His doctoral thesis is based on work at Harvard University where he characterized the mechanisms by which BMT conditioning influences acute GVHD and developed therapeutic interventions to inhibit this pathogenic pathway. This work provided the rationale for studies of low intensity conditioning and new growth factors (especially KGF) in myeloablative transplantation which have now moved through successful phase III clinical trials in the USA and onto the market.
Dr Hill is a NH&MRC Practitioner Fellow with his own laboratory at the Queensland Institute of Medical Research. His focus is currently on the interactions between growth factors, antigen presenting cells and NKT / regulatory T cells during transplantation. This has led to the study of new growth factors for the mobilization of hematopoietic stem cells to improve leukemia clearance after transplantation. Dr Hill was named the 2005 “Queenslander of the year” for his basic research and clinical work in transplant field.
Dr Megan Sykes
Megan Sykes is the Harold and Ellen Danser Professor in the Department of Surgery and Professor of Medicine (Immunology) at Harvard Medical School. She is an Immunologist at Massachusetts General Hospital, and Associate Director of the Transplantation Biology Research Center. She is the Immediate Past President of the International Xenotransplantation Association and is Vice President of The Transplantation Society.

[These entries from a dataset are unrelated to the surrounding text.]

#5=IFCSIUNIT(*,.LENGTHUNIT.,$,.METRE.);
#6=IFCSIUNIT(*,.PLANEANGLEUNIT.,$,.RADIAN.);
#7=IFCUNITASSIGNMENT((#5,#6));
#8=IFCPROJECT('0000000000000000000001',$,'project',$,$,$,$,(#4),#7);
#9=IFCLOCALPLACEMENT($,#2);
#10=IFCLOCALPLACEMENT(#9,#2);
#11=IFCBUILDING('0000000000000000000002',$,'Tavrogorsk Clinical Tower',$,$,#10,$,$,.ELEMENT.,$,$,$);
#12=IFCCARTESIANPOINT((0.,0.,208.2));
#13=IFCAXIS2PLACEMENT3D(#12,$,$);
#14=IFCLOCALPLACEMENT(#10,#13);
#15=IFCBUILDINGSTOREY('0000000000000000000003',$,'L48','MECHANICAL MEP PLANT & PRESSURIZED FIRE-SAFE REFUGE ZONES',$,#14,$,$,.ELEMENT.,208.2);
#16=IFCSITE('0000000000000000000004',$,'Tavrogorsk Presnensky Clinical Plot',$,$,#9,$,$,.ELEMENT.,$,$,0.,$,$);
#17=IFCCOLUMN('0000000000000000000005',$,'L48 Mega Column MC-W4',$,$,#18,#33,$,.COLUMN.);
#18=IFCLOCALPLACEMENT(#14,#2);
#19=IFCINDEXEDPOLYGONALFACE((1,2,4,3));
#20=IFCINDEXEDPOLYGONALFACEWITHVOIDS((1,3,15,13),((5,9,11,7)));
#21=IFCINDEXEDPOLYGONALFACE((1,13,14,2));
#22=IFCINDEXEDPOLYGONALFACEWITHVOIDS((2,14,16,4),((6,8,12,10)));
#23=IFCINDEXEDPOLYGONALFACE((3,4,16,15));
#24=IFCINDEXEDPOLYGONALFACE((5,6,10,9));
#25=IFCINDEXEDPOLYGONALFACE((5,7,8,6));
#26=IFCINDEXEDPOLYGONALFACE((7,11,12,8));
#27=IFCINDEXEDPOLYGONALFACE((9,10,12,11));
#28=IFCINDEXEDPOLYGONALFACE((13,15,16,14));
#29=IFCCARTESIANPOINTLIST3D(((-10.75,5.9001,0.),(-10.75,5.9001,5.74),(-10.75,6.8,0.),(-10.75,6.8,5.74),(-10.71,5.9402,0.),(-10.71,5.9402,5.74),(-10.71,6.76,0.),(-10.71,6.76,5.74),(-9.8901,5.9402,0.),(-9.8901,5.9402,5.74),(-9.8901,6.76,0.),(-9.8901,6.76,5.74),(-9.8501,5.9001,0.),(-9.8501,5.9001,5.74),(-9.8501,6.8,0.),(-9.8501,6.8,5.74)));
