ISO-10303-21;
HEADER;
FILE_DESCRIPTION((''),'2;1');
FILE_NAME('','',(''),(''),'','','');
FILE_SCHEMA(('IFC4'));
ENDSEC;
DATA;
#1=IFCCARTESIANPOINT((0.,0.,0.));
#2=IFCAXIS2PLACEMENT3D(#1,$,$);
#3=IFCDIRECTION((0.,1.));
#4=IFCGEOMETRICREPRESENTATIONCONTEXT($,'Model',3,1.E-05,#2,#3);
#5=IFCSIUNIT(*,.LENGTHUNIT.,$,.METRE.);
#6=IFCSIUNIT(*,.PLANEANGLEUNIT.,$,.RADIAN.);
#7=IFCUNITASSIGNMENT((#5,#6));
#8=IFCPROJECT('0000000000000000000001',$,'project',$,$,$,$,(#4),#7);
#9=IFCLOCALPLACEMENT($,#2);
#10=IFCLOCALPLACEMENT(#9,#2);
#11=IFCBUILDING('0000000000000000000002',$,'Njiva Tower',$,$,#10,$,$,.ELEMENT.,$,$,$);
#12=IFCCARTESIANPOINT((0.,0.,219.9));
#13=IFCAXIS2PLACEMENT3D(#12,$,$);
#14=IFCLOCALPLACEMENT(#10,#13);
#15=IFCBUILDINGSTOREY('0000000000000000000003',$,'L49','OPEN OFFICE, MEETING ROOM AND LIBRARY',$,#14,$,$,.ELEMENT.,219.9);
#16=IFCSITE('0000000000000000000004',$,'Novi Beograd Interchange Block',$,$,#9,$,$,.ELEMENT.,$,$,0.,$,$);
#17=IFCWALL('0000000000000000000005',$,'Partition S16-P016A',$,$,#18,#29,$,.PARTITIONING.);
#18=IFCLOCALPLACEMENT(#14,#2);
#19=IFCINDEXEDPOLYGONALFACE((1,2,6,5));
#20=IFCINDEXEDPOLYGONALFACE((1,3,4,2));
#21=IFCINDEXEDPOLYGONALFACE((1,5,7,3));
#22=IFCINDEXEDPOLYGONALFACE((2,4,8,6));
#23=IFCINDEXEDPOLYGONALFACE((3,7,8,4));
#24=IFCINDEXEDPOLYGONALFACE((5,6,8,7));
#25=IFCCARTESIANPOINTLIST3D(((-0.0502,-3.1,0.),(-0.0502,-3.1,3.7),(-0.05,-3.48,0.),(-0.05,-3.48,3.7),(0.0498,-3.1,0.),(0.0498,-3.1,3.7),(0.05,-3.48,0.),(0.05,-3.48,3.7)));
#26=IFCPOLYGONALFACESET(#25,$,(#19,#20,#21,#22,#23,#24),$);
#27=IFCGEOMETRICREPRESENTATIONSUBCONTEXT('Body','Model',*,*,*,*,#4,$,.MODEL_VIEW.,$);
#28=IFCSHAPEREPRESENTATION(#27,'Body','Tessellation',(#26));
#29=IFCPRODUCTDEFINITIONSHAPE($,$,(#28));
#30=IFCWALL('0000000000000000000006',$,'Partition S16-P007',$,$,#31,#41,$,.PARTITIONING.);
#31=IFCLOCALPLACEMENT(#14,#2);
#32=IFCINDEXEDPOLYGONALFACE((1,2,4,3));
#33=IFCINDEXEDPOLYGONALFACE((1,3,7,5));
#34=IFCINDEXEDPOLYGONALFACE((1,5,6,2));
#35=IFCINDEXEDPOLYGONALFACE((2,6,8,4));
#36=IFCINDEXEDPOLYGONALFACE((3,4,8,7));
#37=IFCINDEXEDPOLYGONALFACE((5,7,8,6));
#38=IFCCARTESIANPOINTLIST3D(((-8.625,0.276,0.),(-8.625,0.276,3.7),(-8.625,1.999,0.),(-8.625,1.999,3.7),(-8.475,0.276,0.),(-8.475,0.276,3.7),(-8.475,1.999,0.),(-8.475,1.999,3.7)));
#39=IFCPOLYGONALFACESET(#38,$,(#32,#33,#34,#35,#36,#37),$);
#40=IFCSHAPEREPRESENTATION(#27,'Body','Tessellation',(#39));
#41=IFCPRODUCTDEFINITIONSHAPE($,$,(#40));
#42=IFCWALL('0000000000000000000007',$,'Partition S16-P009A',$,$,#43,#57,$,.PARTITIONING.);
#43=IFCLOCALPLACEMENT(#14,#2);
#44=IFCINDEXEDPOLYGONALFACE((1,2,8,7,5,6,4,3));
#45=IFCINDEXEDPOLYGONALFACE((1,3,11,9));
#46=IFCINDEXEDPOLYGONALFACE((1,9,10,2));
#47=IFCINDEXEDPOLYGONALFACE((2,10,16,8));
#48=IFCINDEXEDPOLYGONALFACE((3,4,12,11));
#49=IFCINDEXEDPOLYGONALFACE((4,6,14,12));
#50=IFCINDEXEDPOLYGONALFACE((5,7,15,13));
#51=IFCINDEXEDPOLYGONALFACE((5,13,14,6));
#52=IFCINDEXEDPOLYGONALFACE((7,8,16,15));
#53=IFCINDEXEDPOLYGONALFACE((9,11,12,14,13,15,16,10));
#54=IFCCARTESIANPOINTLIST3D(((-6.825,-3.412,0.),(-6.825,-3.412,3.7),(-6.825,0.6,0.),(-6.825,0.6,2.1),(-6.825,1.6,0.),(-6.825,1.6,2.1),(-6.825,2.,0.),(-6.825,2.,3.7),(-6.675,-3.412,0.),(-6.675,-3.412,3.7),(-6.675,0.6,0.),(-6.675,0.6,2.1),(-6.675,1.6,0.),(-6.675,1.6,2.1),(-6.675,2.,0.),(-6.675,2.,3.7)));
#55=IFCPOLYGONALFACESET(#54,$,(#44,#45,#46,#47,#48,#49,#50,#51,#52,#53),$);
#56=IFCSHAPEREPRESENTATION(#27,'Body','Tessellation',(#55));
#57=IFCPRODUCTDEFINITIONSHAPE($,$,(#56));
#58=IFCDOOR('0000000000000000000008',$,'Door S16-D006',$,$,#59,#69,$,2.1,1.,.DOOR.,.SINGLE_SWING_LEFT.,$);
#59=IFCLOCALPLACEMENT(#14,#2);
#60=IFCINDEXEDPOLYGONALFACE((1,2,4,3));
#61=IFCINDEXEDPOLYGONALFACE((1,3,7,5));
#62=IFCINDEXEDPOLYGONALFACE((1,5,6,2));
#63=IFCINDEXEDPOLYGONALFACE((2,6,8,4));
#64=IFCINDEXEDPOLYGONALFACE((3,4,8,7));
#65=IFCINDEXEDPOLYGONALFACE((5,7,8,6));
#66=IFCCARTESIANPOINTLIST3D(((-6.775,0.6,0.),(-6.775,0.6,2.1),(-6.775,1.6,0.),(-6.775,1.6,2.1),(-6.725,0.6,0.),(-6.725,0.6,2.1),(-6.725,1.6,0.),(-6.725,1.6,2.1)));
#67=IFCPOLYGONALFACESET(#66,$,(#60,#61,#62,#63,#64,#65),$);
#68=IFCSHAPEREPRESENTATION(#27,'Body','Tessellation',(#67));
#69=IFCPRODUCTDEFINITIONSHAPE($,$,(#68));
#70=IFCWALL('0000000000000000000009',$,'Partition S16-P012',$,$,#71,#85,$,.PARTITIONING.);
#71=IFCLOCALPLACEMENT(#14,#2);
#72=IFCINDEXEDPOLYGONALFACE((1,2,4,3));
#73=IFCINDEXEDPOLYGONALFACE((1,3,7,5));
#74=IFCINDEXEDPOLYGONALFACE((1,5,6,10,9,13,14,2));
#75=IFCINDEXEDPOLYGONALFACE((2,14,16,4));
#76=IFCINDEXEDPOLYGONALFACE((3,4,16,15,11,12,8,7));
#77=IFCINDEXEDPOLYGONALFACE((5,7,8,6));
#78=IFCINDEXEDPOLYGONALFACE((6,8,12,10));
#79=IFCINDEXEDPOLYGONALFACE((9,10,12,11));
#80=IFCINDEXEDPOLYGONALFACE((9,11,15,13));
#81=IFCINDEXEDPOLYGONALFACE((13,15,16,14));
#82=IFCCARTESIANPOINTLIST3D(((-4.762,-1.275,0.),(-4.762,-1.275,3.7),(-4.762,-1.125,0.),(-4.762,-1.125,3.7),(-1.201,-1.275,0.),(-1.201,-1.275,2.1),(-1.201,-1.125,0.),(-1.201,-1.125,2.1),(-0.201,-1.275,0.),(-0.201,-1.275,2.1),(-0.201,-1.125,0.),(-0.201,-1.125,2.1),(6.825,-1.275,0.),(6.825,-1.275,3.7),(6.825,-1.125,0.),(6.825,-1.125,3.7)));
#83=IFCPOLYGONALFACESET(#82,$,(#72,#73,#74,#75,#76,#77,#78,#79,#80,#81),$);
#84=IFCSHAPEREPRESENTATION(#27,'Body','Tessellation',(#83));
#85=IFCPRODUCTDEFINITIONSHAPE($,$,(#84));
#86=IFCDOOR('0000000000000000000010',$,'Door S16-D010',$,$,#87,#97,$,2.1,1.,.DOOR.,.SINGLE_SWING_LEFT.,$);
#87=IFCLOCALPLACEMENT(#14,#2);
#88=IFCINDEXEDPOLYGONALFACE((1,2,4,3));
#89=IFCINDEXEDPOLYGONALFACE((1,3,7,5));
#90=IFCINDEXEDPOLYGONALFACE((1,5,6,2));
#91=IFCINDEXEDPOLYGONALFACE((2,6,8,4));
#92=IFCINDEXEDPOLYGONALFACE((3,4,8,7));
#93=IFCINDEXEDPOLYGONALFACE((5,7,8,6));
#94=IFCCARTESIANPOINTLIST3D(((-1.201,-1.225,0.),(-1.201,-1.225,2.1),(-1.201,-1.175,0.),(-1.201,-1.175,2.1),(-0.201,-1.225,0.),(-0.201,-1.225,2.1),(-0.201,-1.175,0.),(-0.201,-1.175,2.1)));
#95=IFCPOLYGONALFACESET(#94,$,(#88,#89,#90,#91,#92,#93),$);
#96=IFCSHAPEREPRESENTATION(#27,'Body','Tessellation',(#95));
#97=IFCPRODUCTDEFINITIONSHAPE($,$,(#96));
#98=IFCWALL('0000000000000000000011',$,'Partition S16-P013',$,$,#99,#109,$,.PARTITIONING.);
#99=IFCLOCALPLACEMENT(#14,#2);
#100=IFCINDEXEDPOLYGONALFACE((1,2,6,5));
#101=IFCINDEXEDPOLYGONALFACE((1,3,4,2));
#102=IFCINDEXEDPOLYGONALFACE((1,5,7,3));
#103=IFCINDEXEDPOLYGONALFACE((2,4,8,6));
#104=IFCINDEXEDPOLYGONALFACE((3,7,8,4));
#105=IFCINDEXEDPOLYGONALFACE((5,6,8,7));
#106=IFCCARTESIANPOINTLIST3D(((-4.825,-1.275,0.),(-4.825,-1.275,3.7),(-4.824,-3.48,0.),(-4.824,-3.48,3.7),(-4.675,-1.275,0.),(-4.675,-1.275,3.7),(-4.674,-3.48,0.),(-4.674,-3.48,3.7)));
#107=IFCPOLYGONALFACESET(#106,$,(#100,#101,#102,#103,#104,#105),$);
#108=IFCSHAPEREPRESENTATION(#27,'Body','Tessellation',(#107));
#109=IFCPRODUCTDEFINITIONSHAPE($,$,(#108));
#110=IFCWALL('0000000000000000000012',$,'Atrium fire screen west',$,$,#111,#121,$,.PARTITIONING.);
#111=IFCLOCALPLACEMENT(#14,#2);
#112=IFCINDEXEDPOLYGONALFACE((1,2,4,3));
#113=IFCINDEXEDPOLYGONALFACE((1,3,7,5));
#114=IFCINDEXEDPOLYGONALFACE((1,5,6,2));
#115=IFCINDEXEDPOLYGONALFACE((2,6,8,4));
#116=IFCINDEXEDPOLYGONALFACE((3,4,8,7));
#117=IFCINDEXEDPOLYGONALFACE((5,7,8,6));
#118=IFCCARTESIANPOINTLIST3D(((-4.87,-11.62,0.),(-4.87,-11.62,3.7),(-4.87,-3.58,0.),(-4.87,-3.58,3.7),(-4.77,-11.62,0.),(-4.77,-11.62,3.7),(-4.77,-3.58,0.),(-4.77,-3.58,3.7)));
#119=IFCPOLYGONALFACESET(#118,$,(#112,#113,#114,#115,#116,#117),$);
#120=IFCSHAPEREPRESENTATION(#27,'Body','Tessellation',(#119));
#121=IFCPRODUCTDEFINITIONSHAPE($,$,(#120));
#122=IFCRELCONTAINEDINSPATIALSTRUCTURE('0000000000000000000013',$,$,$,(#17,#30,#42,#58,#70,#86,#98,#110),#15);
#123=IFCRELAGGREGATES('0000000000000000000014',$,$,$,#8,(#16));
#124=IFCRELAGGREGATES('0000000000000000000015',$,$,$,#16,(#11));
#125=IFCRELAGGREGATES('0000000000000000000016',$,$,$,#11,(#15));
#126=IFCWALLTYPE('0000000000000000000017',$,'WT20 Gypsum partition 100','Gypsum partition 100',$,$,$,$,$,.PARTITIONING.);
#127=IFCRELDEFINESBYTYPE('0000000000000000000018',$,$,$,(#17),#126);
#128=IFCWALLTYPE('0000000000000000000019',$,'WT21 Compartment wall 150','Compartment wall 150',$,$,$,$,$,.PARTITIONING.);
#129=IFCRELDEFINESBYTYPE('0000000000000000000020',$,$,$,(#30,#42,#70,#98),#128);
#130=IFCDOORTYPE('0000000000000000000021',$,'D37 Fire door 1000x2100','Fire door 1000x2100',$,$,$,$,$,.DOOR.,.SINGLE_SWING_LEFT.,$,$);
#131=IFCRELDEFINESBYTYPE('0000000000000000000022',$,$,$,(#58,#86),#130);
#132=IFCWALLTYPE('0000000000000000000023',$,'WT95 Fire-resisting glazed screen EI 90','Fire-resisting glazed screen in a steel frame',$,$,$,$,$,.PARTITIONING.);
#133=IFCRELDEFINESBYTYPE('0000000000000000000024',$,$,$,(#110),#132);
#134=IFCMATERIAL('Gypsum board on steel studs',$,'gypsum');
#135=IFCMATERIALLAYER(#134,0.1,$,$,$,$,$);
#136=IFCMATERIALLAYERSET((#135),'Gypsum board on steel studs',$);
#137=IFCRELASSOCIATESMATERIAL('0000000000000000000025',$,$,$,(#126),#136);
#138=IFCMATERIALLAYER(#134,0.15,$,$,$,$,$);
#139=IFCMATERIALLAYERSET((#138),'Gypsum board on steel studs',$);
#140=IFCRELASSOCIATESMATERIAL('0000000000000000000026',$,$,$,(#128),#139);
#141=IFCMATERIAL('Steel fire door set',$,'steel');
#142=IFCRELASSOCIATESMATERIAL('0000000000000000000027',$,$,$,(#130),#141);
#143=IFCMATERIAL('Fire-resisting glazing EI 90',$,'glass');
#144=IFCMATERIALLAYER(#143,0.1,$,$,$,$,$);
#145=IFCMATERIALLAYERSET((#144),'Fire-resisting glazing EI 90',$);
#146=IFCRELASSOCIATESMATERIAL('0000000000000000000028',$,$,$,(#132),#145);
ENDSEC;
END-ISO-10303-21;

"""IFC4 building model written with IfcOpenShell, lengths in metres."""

from ifc_helpers import new_model, si_unit, direction, frame, frame_2d, origin, place, context, subcontext, project, spatial, rectangle, extrude, material, layer, layer_set, type_object, element, fill, save


model = new_model("IFC4")

# Units and contexts
model_context = context("Model", 3, precision=1e-05, world=origin(), true_north=direction((0.0, 1.0)))
body_context = subcontext(model_context, "Body", "Model", "MODEL_VIEW")
ifc_project = project(units=[si_unit("LENGTHUNIT", "METRE"), si_unit("PLANEANGLEUNIT", "RADIAN")], contexts=[model_context])

# Site, building, storey
site_placement = place(None, origin())
site = spatial("IfcSite", under=ifc_project, at=site_placement, Name="Novi Beograd Interchange Block", CompositionType="ELEMENT", RefElevation=0.0)
building_placement = place(site_placement, origin())
building = spatial("IfcBuilding", under=site, at=building_placement, Name="Njiva Tower", CompositionType="ELEMENT")
storey_placement = place(building_placement, frame((0.0, 0.0, 219.9)))
storey = spatial("IfcBuildingStorey", under=building, at=storey_placement, Name="L49", Description="OPEN OFFICE, MEETING ROOM AND LIBRARY", CompositionType="ELEMENT", Elevation=219.9)

# Walls
ifc_material_1 = material(Name="Gypsum board on steel studs", Category="gypsum")
ifc_layer_1 = layer(ifc_material_1, 0.1)
ifc_layer_set_1 = layer_set([ifc_layer_1], Name="Gypsum board on steel studs")
wall_type_1 = type_object("IfcWallType", Name="WT20 Gypsum partition 100", Description="Gypsum partition 100", PredefinedType="PARTITIONING", material=ifc_layer_set_1)
wall_1_placement = place(storey_placement, frame((-0.0002, -3.1, 0.0), z_axis=(0.0, 0.0, 1.0), x_axis=(0.000526, -1.0, 0.0)))
element("IfcWall", 1, at=wall_1_placement, inside=storey, type_object=wall_type_1, Name="Partition S16-P016A", PredefinedType="PARTITIONING", context=body_context, shape_type="SweptSolid", body=[
    extrude(rectangle(XDim=0.38, YDim=0.1, at=frame_2d((0.19, 0.0))), origin(), (0.0, 0.0, 1.0), 3.7),
])
ifc_layer_2 = layer(ifc_material_1, 0.15)
ifc_layer_set_2 = layer_set([ifc_layer_2], Name="Gypsum board on steel studs")
wall_type_2 = type_object("IfcWallType", Name="WT21 Compartment wall 150", Description="Compartment wall 150", PredefinedType="PARTITIONING", material=ifc_layer_set_2)
wall_2_placement = place(storey_placement, frame((-8.55, 0.276, 0.0), z_axis=(0.0, 0.0, 1.0), x_axis=(0.0, 1.0, 0.0)))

Dr. Sykes' research is in the areas of hematopoietic cell transplantation, achievement of graft-versus-leukemia effects without GVHD, organ allograft tolerance induction and xenotransplantation. Her research program aims to utilize bone marrow transplantation as immunotherapy to achieve graft-versus-tumor effects while avoiding the common complication of such transplants, graft-versus-host disease. Her laboratory studies in this area have led to novel approaches that have been evaluated in clinical trials at MGH. Another major area of her research has been to utilize bone marrow transplantation for the induction of transplantation tolerance, both to organs from the same species (allografts) and from other species (xenografts). Her laboratory has worked toward the development of clinically feasible, non-toxic methods of re-educating the T cell, B cell and NK cell components of the immune system to accept allografts and xenografts without requiring long-term immunosuppressive therapy. Her work has also extended into the area of xenogeneic thymic transplantation as an approach to tolerance induction, and into the mechanism by which non-myeloablative induction of mixed chimerism reverses the autoimmunity of Type 1 diabetes.